The intracellular stage of the bovine parasite Theileria, equivalent to the malaria blood stage, is not known to express any molecules on the surface of the invaded cell, a leucocyte (Boulter and Hall, 1999). The largest gene family in Theileria, Tar/Tpr, is predicted to encode mostly integral membrane proteins; however, no known function has been attributed to it (Weir et al. 2010). The next two largest variant gene families of Theileria appear to encode largely secreted proteins (Pain et al. 2005). It has been proposed that SVSPs have a role in transforming the host cell. They possess nuclear localization signals and it is thought they might localize to the host nucleus much like products of the smaller TashAT family (Shiels et al. 2004). Alternatively they might provide an immunological smokescreen effect by distracting immune cells from more conserved surface-bound antigens (Weir et al. 2010).

There are large kinase gene families from Plasmodium and Coccidia, which are also thought to be involved in modifying the host cell. Plasmodium falciparum has a unique expansion of the Apicomplexan-specific FIKK family of kinases (Nunes et al. 2007). There is evidence that some members are involved in phosphorylation of host membrane skeleton proteins and alter the mechanical properties of the red blood cell (Nunes et al. 2010). ROP kinases and inactivated pseudokinases are stored in club-shaped organelles known as rhoptries, which introduce their cargo to the host cell upon invasion. In T. gondii, ROP16 localizes to host nucleus where it activates the JAK-STAT pathway and modulates host gene expression (Saeij et al. 2007). TgROP18 localizes to the PVM (Taylor et al. 2006) and is able to prevent immune-related GTPases (IRGs) from attacking this membrane and destroying the parasite (Fentress et al. 2010). This family seems to provide a set of exquisite tools for modifying the host cell.

It has been proposed that Cryptosporidium species do not display any form of antigenic variation (Singh et al. 2005). Interestingly, they also have a paucity of large variant gene families. Only the mucin-like glycoproteins show a large expansion. These have been proposed to function in tethering the sporozoite stage to the oocyst wall. However, it is not clear why 30 genes would be required to perform this task.
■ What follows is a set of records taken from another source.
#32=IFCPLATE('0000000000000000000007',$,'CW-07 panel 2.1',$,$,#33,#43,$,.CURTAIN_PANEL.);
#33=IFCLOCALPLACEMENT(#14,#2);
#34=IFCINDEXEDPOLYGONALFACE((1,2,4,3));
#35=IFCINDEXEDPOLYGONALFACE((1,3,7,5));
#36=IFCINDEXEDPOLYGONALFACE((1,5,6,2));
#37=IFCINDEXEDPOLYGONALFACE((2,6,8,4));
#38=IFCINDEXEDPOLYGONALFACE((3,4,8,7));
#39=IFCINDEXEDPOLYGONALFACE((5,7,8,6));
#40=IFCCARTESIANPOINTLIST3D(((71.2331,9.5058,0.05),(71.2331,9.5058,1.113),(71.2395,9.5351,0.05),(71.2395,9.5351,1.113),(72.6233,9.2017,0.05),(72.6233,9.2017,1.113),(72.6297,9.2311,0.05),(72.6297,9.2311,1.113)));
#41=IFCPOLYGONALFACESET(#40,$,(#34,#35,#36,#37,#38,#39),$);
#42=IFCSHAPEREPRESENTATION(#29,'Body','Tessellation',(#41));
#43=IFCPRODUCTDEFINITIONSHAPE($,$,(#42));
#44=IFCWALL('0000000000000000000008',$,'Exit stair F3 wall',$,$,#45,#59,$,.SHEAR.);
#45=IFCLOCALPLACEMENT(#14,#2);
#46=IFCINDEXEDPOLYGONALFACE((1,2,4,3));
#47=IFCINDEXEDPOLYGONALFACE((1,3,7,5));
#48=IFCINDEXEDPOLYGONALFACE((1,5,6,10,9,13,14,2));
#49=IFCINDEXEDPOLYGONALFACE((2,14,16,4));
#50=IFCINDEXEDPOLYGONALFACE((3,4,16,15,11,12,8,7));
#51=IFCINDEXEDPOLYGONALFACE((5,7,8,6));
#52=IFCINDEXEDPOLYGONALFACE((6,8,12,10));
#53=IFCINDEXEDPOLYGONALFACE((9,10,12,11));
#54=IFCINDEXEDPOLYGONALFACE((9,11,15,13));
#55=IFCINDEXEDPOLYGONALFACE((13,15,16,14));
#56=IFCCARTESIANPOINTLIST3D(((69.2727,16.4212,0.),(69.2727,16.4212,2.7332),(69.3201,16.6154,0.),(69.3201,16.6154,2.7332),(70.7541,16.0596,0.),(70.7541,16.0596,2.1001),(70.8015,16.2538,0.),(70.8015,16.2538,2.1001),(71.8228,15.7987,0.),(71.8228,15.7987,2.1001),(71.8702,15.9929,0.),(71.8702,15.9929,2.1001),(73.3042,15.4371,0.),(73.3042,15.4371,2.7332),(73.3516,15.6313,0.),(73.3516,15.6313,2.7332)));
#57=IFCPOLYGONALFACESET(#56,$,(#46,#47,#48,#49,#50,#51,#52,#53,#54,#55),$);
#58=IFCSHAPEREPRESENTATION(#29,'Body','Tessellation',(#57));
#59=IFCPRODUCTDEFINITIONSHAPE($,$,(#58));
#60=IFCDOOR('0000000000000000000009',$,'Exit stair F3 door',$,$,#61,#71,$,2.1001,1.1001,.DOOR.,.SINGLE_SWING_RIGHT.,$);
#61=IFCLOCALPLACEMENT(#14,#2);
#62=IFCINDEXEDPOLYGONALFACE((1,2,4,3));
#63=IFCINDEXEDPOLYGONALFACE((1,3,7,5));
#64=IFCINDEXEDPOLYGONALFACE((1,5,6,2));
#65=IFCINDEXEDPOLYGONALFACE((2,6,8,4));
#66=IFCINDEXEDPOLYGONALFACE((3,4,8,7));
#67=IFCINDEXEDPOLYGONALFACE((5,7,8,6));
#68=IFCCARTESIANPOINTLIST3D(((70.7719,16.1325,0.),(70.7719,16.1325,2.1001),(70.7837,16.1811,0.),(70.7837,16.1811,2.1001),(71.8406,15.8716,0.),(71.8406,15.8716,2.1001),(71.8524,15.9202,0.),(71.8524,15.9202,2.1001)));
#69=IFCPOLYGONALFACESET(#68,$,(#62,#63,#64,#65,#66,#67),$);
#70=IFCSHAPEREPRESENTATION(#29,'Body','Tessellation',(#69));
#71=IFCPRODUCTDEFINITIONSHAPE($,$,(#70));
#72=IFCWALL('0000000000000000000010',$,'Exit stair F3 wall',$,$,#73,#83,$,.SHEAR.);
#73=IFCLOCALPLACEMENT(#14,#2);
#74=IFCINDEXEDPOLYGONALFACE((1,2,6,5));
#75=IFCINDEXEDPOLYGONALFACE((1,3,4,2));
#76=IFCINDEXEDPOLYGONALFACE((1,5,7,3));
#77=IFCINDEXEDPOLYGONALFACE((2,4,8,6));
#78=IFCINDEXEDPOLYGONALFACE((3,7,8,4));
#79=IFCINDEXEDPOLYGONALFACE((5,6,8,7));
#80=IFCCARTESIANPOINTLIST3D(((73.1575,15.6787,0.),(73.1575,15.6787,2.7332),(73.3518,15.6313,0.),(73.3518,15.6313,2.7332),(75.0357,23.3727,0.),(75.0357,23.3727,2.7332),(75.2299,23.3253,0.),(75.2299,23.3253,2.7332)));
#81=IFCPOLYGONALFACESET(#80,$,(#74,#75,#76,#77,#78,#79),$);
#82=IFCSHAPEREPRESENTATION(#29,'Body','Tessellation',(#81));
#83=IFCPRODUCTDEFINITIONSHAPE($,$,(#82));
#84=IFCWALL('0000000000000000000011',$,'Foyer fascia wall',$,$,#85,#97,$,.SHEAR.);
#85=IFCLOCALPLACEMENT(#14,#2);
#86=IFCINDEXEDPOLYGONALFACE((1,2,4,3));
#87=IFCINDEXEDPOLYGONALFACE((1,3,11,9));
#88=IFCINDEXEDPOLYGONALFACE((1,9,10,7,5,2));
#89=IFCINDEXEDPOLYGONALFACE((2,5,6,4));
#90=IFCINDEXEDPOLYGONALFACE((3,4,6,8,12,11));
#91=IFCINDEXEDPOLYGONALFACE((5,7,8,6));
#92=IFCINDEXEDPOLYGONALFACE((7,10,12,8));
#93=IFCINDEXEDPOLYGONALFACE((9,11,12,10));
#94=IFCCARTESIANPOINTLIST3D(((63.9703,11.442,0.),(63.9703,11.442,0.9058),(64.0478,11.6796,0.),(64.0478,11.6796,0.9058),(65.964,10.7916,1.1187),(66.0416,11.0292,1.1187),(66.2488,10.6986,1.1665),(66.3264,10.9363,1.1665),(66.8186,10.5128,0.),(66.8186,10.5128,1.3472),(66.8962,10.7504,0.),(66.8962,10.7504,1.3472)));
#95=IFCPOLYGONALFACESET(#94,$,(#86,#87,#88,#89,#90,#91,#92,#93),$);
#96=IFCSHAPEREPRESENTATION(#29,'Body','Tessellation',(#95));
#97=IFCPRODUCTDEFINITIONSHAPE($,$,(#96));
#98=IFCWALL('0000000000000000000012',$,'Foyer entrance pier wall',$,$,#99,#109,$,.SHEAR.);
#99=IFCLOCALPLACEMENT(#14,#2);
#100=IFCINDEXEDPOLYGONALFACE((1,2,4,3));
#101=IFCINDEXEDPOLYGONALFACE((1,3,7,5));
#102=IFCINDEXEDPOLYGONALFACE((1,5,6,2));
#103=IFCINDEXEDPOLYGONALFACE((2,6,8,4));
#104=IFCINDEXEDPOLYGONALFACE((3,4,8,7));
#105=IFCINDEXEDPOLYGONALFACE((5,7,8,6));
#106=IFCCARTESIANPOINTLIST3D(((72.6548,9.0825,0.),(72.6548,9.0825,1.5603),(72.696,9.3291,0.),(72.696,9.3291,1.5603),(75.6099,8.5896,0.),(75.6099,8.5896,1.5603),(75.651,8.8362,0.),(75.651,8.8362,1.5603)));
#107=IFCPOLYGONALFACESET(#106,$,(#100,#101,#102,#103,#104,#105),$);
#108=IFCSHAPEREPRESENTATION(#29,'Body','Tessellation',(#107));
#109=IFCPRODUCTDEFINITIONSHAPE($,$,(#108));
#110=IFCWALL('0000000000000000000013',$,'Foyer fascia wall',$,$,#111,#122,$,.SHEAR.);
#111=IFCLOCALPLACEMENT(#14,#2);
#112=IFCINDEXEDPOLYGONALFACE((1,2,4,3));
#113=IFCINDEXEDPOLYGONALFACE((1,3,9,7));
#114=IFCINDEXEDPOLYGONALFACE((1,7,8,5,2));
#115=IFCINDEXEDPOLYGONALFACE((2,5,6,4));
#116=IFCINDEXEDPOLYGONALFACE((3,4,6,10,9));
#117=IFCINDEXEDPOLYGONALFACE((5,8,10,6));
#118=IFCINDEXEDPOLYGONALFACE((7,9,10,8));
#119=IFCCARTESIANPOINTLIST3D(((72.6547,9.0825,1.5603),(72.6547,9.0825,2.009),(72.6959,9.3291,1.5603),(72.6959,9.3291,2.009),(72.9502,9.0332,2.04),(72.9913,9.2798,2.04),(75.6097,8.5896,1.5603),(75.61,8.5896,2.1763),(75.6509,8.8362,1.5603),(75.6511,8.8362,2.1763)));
Why Cryptosporidium should be able to survive without the wealth of large gene families present in other apicomplexans is currently unclear.

Thus, a variety of roles have already been uncovered for large apicomplexan gene families. Most families however have no known function and await characterization (Table 1). Small research communities are assembling around some of these families, but many remain essentially unstudied.

CONCLUSIONS

The P. falciparum var gene family is the most intensely studied large gene family in the Apicomplexa. It is involved in the best-understood mechanisms of antigenic variation and sequestration in this phylum. While other species exhibit antigenic variation and sequestration they use gene families with different properties and evolutionary histories. Many gene families are concerned with manipulating the host immune response or modifying the host cell rather than antigenic variation or sequestration. This review has highlighted some of the common themes and important contrasts that exist amongst large variant gene families in apicomplexan species. These may be useful in directing research to understand how apicomplexans interact with their hosts.